Part 69.1 : Surprise

272 19 3
                                    

Pagi ini setelah menyelesaikan sarapan paginya, Maudi tiba-tiba teringat pada semua hal yang terjadi antara dirinya dan juga Fawaz kemarin. Keputusan Maudi untuk mengizinkan Fawaz menemui kedua orang tuanya, membuatnya termenung pagi ini. Pasalnya Maudi bingung harus mulai dari mana untuk memberitahukan hal ini pada orang tuanya.

Maudi sebenarnya tidak siap membicarakan hal-hal semacam ini dengan sang ayah. Sebenarnya Maudi memiliki ketakutan tersendiri, jika saja sang ayah tidak menyukai laki-laki pilihannya. Beda halnya dengan sang ibu yang tidak terlalu rewel, ibunya itu mungkin akan aman-aman saja, secara sang ibu adalah ibu peri di rumah mereka. Tapi untuk ayahnya? Maudi justru ragu, sikap ayahnya yang sering kali protektif membuat Maudi merasa takut jika harus membicarakan hal-hal semacam ini dengan sang ayah.

Saat ini yang Maudi lakukan hanyalah menatap layar ponselnya, yang mana sedang menampakkan room chatnya bersama sang ayah. Apakah Maudi harus menghubungi sang ayah? Pikir Maudi yang masih bimbang.

Seharusnya, jika kini ayahnya itu sedang tidak sibuk, maka pria berusia 55 tahun itu pasti sedang istirahat makan siang. Dan biasanya, jika tidak sibuk, ayahnya itu akan menyempatkan diri untuk pulang ke rumah hanya untuk sekedar makan siang bersama ibunya. Jadi seharusnya ini waktu yang tepat untuk Maudi memberitahu ayahnya tentang Fawaz.

Setelah mengumpulkan keberaniannya, kini Maudi pun memutuskan untuk menekan tombol call dan menunggu sang ayah mengangkat panggilan telpon darinya. Sungguh ini adalah saat-saat yang sangat menegangkan bagi Maudi.

"Hallo, Assalamualaikum Teh Tari, apa kabar Teh?" sapa sang ayah, begitu sambungan telpon mereka terhubung satu sama lain. Mendengar suara ayahnya, jantung Maudi rasanya semakin berdegup kencang.

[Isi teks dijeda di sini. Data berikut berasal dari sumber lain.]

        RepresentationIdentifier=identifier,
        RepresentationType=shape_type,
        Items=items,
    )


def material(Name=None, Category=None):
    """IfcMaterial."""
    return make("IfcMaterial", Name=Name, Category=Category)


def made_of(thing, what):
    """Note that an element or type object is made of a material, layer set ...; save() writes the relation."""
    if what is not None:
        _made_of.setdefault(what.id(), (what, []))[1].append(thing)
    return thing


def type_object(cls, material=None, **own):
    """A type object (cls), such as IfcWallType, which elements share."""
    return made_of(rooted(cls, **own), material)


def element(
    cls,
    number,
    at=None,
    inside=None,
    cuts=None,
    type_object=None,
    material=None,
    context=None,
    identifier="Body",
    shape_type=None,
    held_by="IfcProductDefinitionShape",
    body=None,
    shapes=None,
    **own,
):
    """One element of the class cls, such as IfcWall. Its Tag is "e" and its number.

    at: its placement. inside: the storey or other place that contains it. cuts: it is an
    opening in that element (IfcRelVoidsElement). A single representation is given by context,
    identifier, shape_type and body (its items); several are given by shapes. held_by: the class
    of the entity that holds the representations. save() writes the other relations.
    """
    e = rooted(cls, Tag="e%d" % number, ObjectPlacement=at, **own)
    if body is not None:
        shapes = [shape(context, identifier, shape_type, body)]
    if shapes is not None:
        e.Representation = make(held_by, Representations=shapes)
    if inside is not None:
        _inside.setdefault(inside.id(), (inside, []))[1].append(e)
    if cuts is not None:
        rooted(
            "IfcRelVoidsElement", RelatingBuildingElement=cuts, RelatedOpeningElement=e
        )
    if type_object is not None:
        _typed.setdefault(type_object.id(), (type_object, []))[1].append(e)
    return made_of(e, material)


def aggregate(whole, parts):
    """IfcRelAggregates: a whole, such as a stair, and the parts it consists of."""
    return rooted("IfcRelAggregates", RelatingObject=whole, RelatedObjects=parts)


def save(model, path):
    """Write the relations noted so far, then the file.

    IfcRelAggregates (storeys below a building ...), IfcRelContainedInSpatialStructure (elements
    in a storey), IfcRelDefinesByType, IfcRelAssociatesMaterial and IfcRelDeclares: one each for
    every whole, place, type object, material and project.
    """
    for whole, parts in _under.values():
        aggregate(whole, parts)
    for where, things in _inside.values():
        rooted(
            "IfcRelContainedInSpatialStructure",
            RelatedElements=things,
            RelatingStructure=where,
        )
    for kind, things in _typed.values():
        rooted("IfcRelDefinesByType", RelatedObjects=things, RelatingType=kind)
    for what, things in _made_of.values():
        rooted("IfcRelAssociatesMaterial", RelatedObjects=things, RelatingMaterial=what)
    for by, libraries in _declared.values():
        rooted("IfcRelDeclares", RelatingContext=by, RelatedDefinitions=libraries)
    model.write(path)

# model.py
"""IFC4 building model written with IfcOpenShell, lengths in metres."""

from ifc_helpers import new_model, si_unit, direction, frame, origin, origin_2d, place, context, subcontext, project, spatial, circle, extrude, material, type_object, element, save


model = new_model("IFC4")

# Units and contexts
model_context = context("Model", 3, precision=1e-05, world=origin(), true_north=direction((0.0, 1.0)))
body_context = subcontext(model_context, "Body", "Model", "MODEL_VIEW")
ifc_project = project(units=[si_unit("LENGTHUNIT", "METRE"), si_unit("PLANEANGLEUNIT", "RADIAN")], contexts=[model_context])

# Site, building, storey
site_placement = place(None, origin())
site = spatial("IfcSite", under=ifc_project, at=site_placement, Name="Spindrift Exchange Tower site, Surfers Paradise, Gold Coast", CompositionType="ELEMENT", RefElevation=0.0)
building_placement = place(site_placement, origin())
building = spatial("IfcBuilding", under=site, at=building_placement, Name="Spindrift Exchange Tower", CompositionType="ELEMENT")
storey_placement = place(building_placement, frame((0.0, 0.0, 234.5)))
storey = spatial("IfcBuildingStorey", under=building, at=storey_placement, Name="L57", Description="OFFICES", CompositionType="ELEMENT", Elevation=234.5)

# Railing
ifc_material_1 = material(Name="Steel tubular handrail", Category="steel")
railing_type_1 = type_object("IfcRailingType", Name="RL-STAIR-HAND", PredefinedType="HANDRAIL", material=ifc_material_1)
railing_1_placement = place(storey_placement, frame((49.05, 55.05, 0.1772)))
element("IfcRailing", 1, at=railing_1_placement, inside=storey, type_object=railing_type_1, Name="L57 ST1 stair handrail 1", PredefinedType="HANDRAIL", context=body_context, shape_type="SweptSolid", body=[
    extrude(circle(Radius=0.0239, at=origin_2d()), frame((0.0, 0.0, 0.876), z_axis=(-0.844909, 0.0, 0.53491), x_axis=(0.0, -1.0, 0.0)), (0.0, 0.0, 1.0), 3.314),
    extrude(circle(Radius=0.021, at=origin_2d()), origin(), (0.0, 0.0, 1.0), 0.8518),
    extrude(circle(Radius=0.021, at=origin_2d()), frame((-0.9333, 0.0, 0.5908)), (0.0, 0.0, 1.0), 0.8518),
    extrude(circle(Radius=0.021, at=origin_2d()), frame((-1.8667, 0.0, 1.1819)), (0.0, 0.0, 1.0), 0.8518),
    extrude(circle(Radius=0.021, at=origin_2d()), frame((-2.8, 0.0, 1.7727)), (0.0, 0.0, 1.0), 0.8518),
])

"Waalaikumsalam, ayah. Kabar Teteh baik, ayah gimana kabarnya?" sapa Maudi, sambil menggigit bibir bawahnya, untuk meredakan perasaan gugupnya.

"Ayah baik, Alhamdulillah, ada apa ini tumben telpon ayah siang-siang gini?" tanya sanga ayah.

"Emmh ini... Anu... Ayah lagi di kator atau di rumah?" tanya Maudi, rasa gugup itu semakin membuat Maudi ingin menghilang saja saat ini juga.

"Lagi di kantor, siang ini mau ada rapat paripurna soalnya, jadi gak sepet pulang, kenapa Teh?" tanya sang ayah lagi.

"Teteh mau ngomongin sesuatu sama ayah. Ayah gak lagi sibuk kan? Kalau ayah lagi sibuk nanti aja Teteh telpon ayah lagi, kalau udah di rumah," jawab Maudi.

"Engga ini lagi makan siang, mau ngomongin apa sih? Kayanya penting banget ya?" tanya sang ayah lagi.

"Emmmh... Mungkin ini penting... Jadi Teteh mau pulang ke Bandung nanti malem atau besok melem," jawab Maudi singkat.

"Oalah... Ya udah pulang mah pulang aja, biasanya juga bilangnya kalau udah di jalan, nanti ayah atau Farhan jemput kok tenang aja," jawab sang ayah. Mungkin ayahnya berpikir Maudi akan pulang sendirian seperti biasa.

"Teteh pulangnya gak sendirian, ada temen Teteh yang mau ikut Teteh pulang ke Bandung," tambah Maudi.

"Oh... Ya udah tinggal ke rumah aja, nanti ayah bilang ke ibu biar kamar tamu di siapin dulu," jawab sang ayah samih dengan nada bicara yang terdengar santai.

"Temen Teteh cowo yah," jawab Maudi pelan.

"Oh, mau numpang istirahat ya, kaya Bintang? Dateng aja atuh, gak apa-apa," jawab sang ayah, yang masih belum paham dengan apa yang Maudi maksud.

"Aduh gimana jelasinnya ya... Teteh bingung," jawab Maudi, sambil menggaruk jidatnya yang sebenarnya tidak gatal.

"Apa sih? Ayah gak ngerti, ngomong yang jelas geura jangan sepotong-sepotong." Kali ini sang ayah terdengar cukup kesal dengan kelakuan Maudi.